While this “crisis” has been around for decades, only now, thanks in large part to the digital revolution, are we seeing university presses start to experiment with new business models. The University of California Press, for example, recently launched an imprint called Luminos where authors, rather than readers, help the press cover their costs. For authors who publish with Luminos, the UC Press charges a baseline fee of $15,000. UC Press and its library partners absorb some of that cost, but the author is expected to pay between $5,000 and $7,500. The thought is that the author will not necessarily pay this money out of pocket, but that they will be able to find financial support from their department, provost, or library. Indeed, over 50 university libraries in the United States now have some kind of Open Access Publishing Fund, which is designed to support authors publishing open access articles or books. A Luminos book goes through the same editorial process (including peer review), that all other UC Press books go through. Unlike a traditional monograph, however, once published, the Luminos book is made available open access, so that anyone can read or download a copy for free. A print version is also available for sale (which helps UC Press recoup more of its costs).
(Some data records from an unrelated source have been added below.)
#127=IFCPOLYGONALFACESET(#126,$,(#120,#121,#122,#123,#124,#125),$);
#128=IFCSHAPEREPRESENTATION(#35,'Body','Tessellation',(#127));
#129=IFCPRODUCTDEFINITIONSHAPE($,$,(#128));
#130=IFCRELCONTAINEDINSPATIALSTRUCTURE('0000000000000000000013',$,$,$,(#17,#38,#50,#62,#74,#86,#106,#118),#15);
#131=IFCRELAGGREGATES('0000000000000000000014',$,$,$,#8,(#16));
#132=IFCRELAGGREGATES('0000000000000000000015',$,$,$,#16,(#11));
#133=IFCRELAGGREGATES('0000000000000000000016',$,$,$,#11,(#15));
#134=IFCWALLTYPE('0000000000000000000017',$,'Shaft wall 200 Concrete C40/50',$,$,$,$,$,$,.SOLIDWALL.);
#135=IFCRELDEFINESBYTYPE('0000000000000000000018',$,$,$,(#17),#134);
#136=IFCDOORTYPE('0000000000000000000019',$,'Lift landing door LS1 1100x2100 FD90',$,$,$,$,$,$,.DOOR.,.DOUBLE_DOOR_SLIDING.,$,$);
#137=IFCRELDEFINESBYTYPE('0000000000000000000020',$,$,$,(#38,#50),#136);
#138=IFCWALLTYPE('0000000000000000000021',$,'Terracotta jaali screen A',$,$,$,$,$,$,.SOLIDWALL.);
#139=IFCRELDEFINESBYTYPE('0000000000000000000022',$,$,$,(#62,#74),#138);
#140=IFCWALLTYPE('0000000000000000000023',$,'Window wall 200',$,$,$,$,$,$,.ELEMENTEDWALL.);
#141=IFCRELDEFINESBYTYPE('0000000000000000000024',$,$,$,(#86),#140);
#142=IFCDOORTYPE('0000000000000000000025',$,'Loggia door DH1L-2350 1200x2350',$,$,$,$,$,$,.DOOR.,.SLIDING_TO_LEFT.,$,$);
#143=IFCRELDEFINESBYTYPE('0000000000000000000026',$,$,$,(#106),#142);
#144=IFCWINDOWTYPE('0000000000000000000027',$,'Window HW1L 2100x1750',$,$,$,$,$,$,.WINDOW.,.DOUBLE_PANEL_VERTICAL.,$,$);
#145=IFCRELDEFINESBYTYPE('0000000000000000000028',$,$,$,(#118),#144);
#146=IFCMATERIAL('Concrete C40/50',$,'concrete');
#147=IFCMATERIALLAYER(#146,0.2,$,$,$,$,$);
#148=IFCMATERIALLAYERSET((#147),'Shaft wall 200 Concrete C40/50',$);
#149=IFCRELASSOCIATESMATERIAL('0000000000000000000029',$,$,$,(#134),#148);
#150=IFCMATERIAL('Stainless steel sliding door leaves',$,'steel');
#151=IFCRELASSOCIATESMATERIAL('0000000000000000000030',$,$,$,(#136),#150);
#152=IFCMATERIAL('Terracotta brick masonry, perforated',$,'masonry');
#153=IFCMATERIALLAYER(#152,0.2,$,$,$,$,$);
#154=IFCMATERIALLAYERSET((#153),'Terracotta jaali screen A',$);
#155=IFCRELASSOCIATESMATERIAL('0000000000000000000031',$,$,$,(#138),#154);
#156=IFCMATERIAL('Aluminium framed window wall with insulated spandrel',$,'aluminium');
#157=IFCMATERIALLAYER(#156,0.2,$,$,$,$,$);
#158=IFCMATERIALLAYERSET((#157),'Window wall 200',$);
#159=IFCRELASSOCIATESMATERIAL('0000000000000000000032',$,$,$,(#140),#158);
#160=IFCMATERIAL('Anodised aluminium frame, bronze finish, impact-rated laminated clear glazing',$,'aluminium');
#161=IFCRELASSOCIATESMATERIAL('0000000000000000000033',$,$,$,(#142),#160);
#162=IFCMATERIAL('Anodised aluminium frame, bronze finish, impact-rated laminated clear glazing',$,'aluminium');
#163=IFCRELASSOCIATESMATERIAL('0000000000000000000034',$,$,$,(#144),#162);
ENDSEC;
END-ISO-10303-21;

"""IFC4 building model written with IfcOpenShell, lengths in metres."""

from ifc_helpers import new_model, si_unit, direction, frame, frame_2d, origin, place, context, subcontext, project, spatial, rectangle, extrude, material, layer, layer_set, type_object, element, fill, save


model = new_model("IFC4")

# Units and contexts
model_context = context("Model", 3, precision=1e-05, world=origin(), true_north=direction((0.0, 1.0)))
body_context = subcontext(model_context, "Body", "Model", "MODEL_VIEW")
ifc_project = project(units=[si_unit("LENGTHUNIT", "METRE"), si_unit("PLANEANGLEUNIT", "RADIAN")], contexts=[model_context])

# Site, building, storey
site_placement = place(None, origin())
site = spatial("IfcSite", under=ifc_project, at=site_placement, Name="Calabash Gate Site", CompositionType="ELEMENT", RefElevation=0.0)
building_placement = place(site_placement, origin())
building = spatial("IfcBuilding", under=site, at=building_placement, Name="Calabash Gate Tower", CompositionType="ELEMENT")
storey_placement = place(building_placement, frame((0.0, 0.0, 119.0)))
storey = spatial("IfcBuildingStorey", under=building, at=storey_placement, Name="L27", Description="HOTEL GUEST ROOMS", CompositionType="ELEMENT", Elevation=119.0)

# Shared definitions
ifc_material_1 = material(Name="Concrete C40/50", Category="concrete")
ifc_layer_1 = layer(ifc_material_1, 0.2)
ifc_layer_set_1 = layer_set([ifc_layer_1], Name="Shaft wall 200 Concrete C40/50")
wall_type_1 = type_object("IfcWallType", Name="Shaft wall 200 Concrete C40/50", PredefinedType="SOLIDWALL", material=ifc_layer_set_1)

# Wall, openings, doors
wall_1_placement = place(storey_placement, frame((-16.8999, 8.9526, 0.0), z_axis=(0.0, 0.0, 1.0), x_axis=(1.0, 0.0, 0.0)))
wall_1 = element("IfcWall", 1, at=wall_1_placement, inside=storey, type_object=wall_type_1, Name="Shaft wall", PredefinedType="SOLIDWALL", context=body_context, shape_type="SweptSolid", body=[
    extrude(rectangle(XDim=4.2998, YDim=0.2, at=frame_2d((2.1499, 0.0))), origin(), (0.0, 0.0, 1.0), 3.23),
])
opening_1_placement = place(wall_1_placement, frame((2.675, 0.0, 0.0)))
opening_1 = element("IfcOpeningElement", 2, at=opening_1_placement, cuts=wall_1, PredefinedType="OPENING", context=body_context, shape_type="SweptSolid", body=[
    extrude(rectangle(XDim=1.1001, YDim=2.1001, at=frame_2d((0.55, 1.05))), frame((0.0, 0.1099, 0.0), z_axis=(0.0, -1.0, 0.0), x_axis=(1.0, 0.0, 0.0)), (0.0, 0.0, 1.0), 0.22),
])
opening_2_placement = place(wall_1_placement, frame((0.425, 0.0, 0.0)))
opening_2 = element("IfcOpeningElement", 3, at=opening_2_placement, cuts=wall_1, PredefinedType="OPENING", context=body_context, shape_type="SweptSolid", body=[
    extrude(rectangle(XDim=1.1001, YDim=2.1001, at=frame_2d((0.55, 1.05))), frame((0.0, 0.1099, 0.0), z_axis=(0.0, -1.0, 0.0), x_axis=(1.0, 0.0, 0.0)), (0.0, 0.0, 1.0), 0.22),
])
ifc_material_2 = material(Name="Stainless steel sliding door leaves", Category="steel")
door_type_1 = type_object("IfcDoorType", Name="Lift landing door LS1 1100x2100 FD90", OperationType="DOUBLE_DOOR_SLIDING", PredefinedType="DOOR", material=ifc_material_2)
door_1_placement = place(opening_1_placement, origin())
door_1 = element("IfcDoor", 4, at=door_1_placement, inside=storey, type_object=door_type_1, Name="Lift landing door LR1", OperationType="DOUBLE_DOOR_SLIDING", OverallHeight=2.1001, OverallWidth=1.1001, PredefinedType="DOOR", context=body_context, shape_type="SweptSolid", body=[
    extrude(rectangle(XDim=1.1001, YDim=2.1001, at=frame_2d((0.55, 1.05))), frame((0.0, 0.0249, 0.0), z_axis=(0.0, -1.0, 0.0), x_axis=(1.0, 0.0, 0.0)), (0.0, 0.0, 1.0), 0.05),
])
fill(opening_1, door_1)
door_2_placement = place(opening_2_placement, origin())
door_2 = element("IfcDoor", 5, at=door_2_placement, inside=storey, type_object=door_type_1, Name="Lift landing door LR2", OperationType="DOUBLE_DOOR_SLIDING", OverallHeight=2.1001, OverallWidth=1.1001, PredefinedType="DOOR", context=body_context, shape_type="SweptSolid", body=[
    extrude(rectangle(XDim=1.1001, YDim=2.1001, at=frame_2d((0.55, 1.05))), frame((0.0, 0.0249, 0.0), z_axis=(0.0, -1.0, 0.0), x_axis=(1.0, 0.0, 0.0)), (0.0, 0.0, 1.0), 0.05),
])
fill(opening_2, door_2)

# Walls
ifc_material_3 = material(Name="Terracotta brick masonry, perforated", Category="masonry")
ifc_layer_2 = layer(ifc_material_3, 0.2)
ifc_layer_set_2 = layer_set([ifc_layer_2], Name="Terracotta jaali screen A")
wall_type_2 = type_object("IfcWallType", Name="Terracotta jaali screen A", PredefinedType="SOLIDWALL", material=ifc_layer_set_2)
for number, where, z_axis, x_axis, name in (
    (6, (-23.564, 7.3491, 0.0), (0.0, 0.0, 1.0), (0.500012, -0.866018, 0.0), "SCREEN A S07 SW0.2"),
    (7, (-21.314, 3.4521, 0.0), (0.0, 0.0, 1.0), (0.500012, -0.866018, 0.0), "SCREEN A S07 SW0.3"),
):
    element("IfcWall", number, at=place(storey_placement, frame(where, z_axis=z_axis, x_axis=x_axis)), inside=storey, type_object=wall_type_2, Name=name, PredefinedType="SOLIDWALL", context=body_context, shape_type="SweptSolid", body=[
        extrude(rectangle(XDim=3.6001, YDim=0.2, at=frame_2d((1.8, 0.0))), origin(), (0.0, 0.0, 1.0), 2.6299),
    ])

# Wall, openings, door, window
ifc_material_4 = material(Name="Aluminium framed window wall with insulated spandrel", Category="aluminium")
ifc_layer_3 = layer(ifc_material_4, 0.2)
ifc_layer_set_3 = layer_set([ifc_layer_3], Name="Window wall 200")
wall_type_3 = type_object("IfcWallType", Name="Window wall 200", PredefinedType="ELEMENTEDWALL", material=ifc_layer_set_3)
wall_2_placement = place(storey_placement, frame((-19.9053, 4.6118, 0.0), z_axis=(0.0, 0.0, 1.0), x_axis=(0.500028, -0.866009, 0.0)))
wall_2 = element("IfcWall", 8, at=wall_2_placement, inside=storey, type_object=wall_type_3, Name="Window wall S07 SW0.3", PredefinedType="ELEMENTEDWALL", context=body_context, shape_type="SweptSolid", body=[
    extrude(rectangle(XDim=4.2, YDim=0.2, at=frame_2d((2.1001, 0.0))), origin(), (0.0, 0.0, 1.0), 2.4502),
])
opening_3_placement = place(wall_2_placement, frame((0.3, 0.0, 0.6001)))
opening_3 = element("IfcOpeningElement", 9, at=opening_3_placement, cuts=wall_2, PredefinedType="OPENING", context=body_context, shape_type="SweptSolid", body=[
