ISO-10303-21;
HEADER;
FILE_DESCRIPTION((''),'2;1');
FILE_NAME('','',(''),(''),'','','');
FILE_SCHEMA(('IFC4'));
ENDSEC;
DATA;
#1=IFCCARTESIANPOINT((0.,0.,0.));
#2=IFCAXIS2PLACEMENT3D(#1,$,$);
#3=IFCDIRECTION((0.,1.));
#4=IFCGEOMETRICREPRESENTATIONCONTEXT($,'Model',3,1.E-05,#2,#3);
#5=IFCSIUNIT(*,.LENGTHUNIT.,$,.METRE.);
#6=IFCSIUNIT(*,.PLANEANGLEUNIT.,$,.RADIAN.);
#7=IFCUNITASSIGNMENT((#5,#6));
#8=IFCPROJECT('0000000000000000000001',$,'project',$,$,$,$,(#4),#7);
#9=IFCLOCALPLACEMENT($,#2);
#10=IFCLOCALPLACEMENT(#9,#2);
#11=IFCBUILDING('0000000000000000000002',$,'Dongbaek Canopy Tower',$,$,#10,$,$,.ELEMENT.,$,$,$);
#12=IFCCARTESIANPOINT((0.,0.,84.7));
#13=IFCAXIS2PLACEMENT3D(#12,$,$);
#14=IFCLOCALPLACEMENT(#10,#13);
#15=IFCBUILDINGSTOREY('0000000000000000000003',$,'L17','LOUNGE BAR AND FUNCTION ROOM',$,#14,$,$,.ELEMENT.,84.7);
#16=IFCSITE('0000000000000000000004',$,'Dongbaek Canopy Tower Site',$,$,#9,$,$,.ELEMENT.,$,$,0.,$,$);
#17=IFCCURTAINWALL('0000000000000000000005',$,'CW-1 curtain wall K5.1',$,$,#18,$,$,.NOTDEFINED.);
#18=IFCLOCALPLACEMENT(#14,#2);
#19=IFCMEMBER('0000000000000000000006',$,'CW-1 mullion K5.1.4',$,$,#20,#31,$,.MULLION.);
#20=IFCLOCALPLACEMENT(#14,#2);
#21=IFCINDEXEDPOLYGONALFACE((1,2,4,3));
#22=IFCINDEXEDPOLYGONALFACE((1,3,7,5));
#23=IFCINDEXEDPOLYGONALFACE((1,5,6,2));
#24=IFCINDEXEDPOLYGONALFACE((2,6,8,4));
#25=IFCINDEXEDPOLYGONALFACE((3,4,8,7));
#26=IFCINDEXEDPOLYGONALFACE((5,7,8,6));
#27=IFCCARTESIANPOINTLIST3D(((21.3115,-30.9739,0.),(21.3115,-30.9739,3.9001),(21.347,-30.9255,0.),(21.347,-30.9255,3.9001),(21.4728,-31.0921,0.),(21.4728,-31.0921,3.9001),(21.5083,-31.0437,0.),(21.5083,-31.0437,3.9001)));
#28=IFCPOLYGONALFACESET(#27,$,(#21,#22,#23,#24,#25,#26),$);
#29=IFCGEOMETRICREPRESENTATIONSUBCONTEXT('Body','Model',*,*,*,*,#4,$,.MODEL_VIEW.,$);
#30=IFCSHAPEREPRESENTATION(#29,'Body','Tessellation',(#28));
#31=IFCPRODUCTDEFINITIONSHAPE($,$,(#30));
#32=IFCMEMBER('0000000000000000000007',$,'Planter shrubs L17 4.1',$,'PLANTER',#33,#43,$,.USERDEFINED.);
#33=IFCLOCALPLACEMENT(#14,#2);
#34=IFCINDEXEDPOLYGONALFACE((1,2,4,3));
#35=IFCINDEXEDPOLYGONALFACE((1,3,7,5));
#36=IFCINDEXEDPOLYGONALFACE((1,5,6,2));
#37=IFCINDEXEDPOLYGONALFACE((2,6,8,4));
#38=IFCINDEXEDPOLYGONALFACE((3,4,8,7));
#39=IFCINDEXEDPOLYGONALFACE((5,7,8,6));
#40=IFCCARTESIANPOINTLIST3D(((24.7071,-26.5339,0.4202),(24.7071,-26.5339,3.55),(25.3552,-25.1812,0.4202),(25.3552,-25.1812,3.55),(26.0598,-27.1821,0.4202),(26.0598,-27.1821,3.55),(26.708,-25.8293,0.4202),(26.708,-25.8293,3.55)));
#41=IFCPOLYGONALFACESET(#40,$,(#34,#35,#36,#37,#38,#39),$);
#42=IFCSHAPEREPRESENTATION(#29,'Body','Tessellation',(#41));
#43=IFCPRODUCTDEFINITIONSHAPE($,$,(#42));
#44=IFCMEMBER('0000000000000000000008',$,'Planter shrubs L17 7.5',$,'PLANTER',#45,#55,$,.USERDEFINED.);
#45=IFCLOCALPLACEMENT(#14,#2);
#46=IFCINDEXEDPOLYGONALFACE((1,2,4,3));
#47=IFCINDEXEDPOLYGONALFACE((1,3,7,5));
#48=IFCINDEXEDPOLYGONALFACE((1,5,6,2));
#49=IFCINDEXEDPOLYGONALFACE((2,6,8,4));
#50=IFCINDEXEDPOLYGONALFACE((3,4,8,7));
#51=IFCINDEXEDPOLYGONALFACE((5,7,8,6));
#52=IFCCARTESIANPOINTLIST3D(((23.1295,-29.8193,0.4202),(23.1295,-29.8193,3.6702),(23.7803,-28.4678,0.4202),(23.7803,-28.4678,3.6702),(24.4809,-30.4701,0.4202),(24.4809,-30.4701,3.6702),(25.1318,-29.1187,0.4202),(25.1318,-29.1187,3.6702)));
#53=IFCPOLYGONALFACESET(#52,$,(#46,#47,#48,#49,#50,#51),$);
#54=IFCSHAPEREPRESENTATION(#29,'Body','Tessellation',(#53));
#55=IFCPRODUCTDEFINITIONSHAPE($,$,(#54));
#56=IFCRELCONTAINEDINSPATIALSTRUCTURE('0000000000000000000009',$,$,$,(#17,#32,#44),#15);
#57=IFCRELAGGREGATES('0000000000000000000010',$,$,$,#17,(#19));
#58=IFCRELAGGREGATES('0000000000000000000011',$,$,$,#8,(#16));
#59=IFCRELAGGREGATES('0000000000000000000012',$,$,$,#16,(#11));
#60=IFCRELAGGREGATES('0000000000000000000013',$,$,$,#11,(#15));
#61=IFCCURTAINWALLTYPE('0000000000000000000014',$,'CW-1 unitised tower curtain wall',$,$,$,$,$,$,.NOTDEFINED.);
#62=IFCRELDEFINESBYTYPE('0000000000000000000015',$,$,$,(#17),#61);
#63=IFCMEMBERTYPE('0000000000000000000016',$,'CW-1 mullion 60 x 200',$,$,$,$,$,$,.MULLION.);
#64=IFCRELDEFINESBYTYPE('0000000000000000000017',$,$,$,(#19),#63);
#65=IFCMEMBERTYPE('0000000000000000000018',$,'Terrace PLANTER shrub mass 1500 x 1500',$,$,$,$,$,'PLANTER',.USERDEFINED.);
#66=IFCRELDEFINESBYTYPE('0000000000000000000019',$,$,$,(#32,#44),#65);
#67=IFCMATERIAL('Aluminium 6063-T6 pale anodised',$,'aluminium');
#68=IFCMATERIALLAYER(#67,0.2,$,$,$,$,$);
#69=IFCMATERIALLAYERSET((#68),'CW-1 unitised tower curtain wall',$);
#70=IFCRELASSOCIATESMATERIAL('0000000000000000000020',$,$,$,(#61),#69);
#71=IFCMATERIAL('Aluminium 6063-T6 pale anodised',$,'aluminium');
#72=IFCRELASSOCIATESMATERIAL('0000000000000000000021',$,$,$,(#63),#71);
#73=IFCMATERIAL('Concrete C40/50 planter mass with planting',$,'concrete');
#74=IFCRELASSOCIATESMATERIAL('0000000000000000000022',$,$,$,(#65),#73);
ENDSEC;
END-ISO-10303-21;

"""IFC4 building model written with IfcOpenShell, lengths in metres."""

from ifc_helpers import new_model, si_unit, direction, frame, origin, origin_2d, place, context, subcontext, project, spatial, rectangle, extrude, material, layer, layer_set, material_profile, profile_set, type_object, element, aggregate, save


model = new_model("IFC4")

# Units and contexts
model_context = context("Model", 3, precision=1e-05, world=origin(), true_north=direction((0.0, 1.0)))
body_context = subcontext(model_context, "Body", "Model", "MODEL_VIEW")
ifc_project = project(units=[si_unit("LENGTHUNIT", "METRE"), si_unit("PLANEANGLEUNIT", "RADIAN")], contexts=[model_context])

# Site, building, storey
site_placement = place(None, origin())
site = spatial("IfcSite", under=ifc_project, at=site_placement, Name="Dongbaek Canopy Tower Site", CompositionType="ELEMENT", RefElevation=0.0)
building_placement = place(site_placement, origin())
building = spatial("IfcBuilding", under=site, at=building_placement, Name="Dongbaek Canopy Tower", CompositionType="ELEMENT")
storey_placement = place(building_placement, frame((0.0, 0.0, 84.7)))
storey = spatial("IfcBuildingStorey", under=building, at=storey_placement, Name="L17", Description="LOUNGE BAR AND FUNCTION ROOM", CompositionType="ELEMENT", Elevation=84.7)

# Curtain wall, member
ifc_material_1 = material(Name="Aluminium 6063-T6 pale anodised", Category="aluminium")
ifc_layer_1 = layer(ifc_material_1, 0.2)
ifc_layer_set_1 = layer_set([ifc_layer_1], Name="CW-1 unitised tower curtain wall")
curtain_wall_type = type_object("IfcCurtainWallType", Name="CW-1 unitised tower curtain wall", PredefinedType="NOTDEFINED", material=ifc_layer_set_1)
curtain_wall_placement = place(storey_placement, origin())
curtain_wall = element("IfcCurtainWall", 1, at=curtain_wall_placement, inside=storey, type_object=curtain_wall_type, Name="CW-1 curtain wall K5.1", PredefinedType="NOTDEFINED")
ifc_material_2 = material(Name="Aluminium 6063-T6 pale anodised", Category="aluminium")
ifc_material_profile_1 = material_profile(ifc_material_2, rectangle(XDim=0.2, YDim=0.0601, at=origin_2d()), Name="CW-1 mullion 60 x 200")
ifc_profile_set_1 = profile_set([ifc_material_profile_1], Name="Aluminium 6063-T6 pale anodised")
member_type_1 = type_object("IfcMemberType", Name="CW-1 mullion 60 x 200", PredefinedType="MULLION", material=ifc_profile_set_1)
member_1_placement = place(storey_placement, frame((21.4099, -31.0088, 0.0), z_axis=(0.0, 0.0, 1.0), x_axis=(0.806486, -0.591253, 0.0)))
member_1 = element("IfcMember", 2, at=member_1_placement, type_object=member_type_1, Name="CW-1 mullion K5.1.4", PredefinedType="MULLION", context=body_context, shape_type="SweptSolid", body=[
    extrude(rectangle(XDim=0.2, YDim=0.0601, at=origin_2d()), origin(), (0.0, 0.0, 1.0), 3.9001),
])
aggregate(curtain_wall, [member_1])

# Members
ifc_material_3 = material(Name="Concrete C40/50 planter mass with planting", Category="concrete")
ifc_material_profile_2 = material_profile(ifc_material_3, rectangle(XDim=1.5, YDim=1.5, at=origin_2d()), Name="Terrace PLANTER shrub mass 1500 x 1500")
ifc_profile_set_2 = profile_set([ifc_material_profile_2], Name="Concrete C40/50 planter mass with planting")
member_type_2 = type_object("IfcMemberType", Name="Terrace PLANTER shrub mass 1500 x 1500", ElementType="PLANTER", PredefinedType="USERDEFINED", material=ifc_profile_set_2)
member_2_placement = place(storey_placement, frame((25.7075, -26.1816, 0.4202), z_axis=(0.0, 0.0, 1.0), x_axis=(0.901828, -0.432096, 0.0)))
element("IfcMember", 3, at=member_2_placement, inside=storey, type_object=member_type_2, Name="Planter shrubs L17 4.1", ObjectType="PLANTER", PredefinedType="USERDEFINED", context=body_context, shape_type="SweptSolid", body=[
    extrude(rectangle(XDim=1.5, YDim=1.5, at=origin_2d()), origin(), (0.0, 0.0, 1.0), 3.1299),
])
member_3_placement = place(storey_placement, frame((24.1306, -29.469, 0.4202), z_axis=(0.0, 0.0, 1.0), x_axis=(0.900961, -0.4339, 0.0)))
element("IfcMember", 4, at=member_3_placement, inside=storey, type_object=member_type_2, Name="Planter shrubs L17 7.5", ObjectType="PLANTER", PredefinedType="USERDEFINED", context=body_context, shape_type="SweptSolid", body=[
    extrude(rectangle(XDim=1.5, YDim=1.5, at=origin_2d()), origin(), (0.0, 0.0, 1.0), 3.25),
])

save(model, "model.ifc")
It is important to point out that although UC Press has set $15,000 as their fee, this does not mean that $15,000 is the full cost of publishing a book. The actual cost could be higher or lower. One difficulty presses are facing when it comes to changing their business models is that it’s hard to say just how much it costs to produce a scholarly monograph.

Recently, the research group Ithaka S+R tried to find out. They interviewed 20 university presses from across the United States. These presses ranged in size from small (annual revenue under $1.5 million, with only about 10 employees) to large (annual revenue over $6 million, with almost 80 employees). All together, they analyzed 382 titles (all published in 2014). Ithaka S+R estimated costs at every stage of a book’s production, from acquisition to editorial to copyediting to design to marketing. What they found was that the cost of publishing scholarly monographs ranged widely, from $15,140 to $129,909. The overall average full cost of a book was $39,892. Staff time was, unsurprisingly, the biggest cost associated with producing a book. In addition, acquisitions work was the most expensive activity. Ithaka S+R also sought to understand what makes certain books more expensive to produce. They found that longer books, as well as books with illustrations do cost more. An author’s first book, however, was not more expensive than later books.

Despite Ithaka S+R’s well-researched report, more work still needs to be done on this important issue, particularly into why the costs vary so widely. In addition, presses are just beginning to publish digital projects, and the costs of producing this type of scholarship are largely unknown.